Elevated C-reactive protein (CRP), a marker of inflammation, is common in many chronic conditions. We aimed to examine to what extent elevated CRP in chronic conditions could be explained by concurrent adiposity.

Materials and Methods

This cross-sectional study analysed UK Biobank data on 10 chronic conditions reported at baseline. Linear regression models explored the extent to which CRP concentrations were elevated in each condition, unadjusted; adjusted for sociodemographic confounders and lifestyle and body mass index (BMI) in a series of models; or adjusted for BMI and waist circumference together or for adiposity alone.

Results

After exclusion of participants with a potential acute infection at baseline, we tested the association in 292 772 UK Biobank participants. Linear regression showed that elevated CRP concentration was associated with all included conditions. After adjustment for sociodemographic confounders, lifestyle and BMI, chronic kidney disease, heart failure, liver disease, psoriasis, rheumatoid arthritis and chronic obstructive pulmonary disease were still associated with elevated CRP. In contrast, the association between prevalent diabetes, prior myocardial infarction (MI), hypertension and sleep apnoea and CRP could be mostly explained by adiposity alone.
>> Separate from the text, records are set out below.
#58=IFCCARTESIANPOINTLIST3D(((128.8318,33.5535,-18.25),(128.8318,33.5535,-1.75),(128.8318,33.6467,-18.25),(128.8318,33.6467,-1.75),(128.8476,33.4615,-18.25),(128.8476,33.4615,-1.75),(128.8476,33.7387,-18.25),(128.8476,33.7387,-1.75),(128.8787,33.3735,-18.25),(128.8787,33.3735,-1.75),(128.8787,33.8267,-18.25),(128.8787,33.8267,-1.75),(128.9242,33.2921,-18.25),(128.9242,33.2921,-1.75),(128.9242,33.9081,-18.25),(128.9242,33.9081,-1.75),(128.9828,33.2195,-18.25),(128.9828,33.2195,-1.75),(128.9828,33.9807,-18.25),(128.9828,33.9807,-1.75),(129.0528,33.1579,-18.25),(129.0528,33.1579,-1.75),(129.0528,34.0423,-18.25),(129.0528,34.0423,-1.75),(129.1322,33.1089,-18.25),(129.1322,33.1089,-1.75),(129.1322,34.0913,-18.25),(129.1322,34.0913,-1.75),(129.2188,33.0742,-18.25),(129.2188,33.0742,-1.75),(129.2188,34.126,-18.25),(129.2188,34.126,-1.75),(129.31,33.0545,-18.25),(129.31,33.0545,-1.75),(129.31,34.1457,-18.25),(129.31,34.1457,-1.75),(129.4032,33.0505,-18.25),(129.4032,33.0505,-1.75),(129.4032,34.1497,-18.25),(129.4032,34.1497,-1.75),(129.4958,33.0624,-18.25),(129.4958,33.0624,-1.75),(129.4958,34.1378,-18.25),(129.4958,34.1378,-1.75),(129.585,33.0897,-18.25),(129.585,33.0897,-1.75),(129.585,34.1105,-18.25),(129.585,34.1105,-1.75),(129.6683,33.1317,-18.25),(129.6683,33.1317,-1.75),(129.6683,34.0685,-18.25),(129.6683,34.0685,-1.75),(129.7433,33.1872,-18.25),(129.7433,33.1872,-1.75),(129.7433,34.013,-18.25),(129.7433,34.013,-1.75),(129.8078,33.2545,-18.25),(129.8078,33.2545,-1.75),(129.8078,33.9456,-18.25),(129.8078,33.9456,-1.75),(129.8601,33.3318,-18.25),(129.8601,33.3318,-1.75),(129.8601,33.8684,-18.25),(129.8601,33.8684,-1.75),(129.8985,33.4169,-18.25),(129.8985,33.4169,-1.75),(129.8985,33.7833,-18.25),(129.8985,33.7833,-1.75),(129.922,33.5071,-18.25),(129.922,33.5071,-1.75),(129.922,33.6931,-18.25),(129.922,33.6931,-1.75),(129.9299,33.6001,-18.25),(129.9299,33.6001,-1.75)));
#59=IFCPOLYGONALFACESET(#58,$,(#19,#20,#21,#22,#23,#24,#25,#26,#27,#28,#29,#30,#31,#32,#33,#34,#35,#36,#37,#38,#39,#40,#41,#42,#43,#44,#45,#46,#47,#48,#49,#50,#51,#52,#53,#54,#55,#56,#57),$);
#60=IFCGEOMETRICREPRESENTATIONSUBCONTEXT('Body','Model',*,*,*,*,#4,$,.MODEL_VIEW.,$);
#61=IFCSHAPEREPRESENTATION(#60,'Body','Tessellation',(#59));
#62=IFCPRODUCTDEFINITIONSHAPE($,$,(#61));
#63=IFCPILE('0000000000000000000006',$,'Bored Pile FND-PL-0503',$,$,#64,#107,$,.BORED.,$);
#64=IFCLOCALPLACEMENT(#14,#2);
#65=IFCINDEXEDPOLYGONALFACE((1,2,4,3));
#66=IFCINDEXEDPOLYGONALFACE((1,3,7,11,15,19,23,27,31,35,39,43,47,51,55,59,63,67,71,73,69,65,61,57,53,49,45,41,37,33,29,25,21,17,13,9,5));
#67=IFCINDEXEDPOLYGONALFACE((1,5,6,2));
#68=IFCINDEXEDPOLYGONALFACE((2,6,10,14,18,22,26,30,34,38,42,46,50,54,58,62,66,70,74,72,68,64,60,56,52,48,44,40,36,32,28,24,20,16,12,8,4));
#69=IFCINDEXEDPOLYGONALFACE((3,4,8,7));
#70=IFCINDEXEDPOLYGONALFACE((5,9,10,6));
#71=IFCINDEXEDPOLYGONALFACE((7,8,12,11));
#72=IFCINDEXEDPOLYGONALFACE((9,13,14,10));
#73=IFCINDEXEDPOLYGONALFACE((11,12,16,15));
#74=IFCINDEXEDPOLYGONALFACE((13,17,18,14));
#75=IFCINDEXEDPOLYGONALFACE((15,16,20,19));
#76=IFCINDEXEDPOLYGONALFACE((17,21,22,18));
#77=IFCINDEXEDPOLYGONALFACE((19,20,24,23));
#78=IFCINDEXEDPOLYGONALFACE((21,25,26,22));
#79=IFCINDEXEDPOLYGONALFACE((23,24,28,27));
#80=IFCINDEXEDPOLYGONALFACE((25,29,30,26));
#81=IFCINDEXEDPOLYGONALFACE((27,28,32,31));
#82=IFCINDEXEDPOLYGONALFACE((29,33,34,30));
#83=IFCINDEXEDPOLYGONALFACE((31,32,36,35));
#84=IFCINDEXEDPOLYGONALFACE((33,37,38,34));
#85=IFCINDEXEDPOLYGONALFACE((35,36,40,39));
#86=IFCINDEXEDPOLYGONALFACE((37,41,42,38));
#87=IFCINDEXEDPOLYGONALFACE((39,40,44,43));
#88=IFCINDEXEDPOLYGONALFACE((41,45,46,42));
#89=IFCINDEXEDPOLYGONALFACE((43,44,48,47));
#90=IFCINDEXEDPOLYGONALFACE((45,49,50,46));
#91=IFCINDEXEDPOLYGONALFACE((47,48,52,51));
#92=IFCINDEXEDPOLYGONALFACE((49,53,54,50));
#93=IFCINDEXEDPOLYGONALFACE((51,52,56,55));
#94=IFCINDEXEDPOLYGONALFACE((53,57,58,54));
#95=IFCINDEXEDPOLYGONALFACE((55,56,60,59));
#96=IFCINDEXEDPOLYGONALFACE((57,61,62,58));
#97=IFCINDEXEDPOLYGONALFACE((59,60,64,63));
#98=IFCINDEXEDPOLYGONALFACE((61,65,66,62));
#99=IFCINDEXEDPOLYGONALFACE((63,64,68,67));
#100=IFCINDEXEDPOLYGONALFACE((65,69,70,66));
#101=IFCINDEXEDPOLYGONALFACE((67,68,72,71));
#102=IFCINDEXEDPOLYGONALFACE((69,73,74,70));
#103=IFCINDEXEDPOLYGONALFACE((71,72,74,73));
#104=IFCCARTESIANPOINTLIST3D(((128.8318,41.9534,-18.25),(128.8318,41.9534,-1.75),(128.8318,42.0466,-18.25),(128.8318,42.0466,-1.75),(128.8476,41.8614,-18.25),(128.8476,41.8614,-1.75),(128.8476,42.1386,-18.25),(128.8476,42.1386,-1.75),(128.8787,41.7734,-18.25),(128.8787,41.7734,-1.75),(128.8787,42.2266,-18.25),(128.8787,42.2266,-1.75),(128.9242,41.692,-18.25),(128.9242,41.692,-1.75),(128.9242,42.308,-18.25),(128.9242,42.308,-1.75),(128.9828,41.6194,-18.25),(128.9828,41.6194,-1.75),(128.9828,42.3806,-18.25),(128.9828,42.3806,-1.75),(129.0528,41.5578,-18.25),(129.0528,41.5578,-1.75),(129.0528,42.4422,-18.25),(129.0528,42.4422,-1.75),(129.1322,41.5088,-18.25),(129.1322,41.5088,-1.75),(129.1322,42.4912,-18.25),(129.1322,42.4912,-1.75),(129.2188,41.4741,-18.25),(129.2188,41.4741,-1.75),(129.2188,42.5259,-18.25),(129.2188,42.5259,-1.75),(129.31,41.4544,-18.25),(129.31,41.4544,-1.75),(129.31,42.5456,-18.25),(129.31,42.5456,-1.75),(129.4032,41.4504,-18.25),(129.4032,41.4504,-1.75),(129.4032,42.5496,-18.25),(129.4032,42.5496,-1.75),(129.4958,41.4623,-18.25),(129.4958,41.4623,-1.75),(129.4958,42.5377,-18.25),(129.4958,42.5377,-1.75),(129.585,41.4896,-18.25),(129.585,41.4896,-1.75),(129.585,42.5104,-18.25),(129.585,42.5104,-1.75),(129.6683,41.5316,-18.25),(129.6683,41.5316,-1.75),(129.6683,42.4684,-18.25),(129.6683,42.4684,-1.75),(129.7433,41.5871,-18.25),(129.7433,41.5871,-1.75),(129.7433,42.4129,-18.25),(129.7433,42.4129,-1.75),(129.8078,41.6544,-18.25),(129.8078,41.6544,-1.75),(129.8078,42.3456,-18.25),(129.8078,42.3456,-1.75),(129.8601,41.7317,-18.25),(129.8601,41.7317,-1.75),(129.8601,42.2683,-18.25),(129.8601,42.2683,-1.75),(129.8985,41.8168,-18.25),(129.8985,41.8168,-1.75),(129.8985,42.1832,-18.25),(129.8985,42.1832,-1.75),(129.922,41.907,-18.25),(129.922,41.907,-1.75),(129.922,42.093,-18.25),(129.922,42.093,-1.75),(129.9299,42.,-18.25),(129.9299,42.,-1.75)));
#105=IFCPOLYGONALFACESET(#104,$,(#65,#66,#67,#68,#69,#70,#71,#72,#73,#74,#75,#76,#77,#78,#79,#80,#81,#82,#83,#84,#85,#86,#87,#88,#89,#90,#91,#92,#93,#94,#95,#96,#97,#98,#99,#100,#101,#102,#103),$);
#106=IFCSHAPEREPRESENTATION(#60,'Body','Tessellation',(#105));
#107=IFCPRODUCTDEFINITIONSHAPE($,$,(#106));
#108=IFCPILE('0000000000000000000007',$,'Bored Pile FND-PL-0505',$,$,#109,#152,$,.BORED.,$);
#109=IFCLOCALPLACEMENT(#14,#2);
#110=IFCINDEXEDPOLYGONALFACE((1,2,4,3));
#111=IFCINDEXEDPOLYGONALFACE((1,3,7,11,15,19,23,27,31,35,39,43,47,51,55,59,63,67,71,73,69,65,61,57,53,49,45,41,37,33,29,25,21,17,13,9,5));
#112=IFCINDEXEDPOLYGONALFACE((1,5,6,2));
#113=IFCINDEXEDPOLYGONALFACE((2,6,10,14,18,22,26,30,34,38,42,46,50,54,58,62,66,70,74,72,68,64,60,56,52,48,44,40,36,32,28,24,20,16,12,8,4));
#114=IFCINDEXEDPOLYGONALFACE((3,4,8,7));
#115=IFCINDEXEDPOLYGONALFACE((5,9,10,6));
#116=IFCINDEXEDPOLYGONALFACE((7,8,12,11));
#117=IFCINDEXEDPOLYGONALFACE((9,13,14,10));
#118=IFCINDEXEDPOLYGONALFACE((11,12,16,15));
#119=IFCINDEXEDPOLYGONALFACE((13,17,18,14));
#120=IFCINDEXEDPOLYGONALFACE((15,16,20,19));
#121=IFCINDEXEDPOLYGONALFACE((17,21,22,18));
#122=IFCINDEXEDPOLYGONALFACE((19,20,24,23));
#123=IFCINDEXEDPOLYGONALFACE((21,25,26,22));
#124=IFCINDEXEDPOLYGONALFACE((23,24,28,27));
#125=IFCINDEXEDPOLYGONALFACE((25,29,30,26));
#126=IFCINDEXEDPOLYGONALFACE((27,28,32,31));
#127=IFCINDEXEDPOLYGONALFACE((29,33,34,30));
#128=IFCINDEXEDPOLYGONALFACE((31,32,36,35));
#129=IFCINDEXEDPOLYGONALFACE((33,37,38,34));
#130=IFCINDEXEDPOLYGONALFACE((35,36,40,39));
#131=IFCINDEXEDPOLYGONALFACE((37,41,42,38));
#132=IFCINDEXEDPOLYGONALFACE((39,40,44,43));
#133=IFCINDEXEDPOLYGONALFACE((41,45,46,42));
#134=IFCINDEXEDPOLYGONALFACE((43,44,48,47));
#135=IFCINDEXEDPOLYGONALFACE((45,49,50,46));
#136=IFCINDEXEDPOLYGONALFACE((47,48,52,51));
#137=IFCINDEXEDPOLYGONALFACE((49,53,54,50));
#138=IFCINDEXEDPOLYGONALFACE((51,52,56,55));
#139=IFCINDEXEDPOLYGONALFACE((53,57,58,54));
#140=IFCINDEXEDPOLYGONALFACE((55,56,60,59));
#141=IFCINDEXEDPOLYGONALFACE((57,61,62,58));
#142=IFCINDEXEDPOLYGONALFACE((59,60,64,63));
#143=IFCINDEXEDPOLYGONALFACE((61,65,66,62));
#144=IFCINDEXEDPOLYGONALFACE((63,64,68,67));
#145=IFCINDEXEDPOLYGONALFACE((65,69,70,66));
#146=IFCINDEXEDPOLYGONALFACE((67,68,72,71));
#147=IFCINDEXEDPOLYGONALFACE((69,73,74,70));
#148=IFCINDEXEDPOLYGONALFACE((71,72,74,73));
For example, the 42% higher CRP concentrations in diabetes compared to those without diabetes in the unadjusted model (lnCRP β: 0.35; 95% confidence interval [CI]: 0.32–0.37, p < 0.001) were completely attenuated after adjustment for BMI (lnCRP β: −0.07; 95% CI: −0.09−0.05, p < 0.001).

Conclusions/Interpretation

In diabetes, MI, hypertension and sleep apnoea and elevated CRP appears to be accounted for by the greater adiposity typically evident in these conditions. However, for the other conditions, systemic inflammation cannot be explained by excess adiposity alone.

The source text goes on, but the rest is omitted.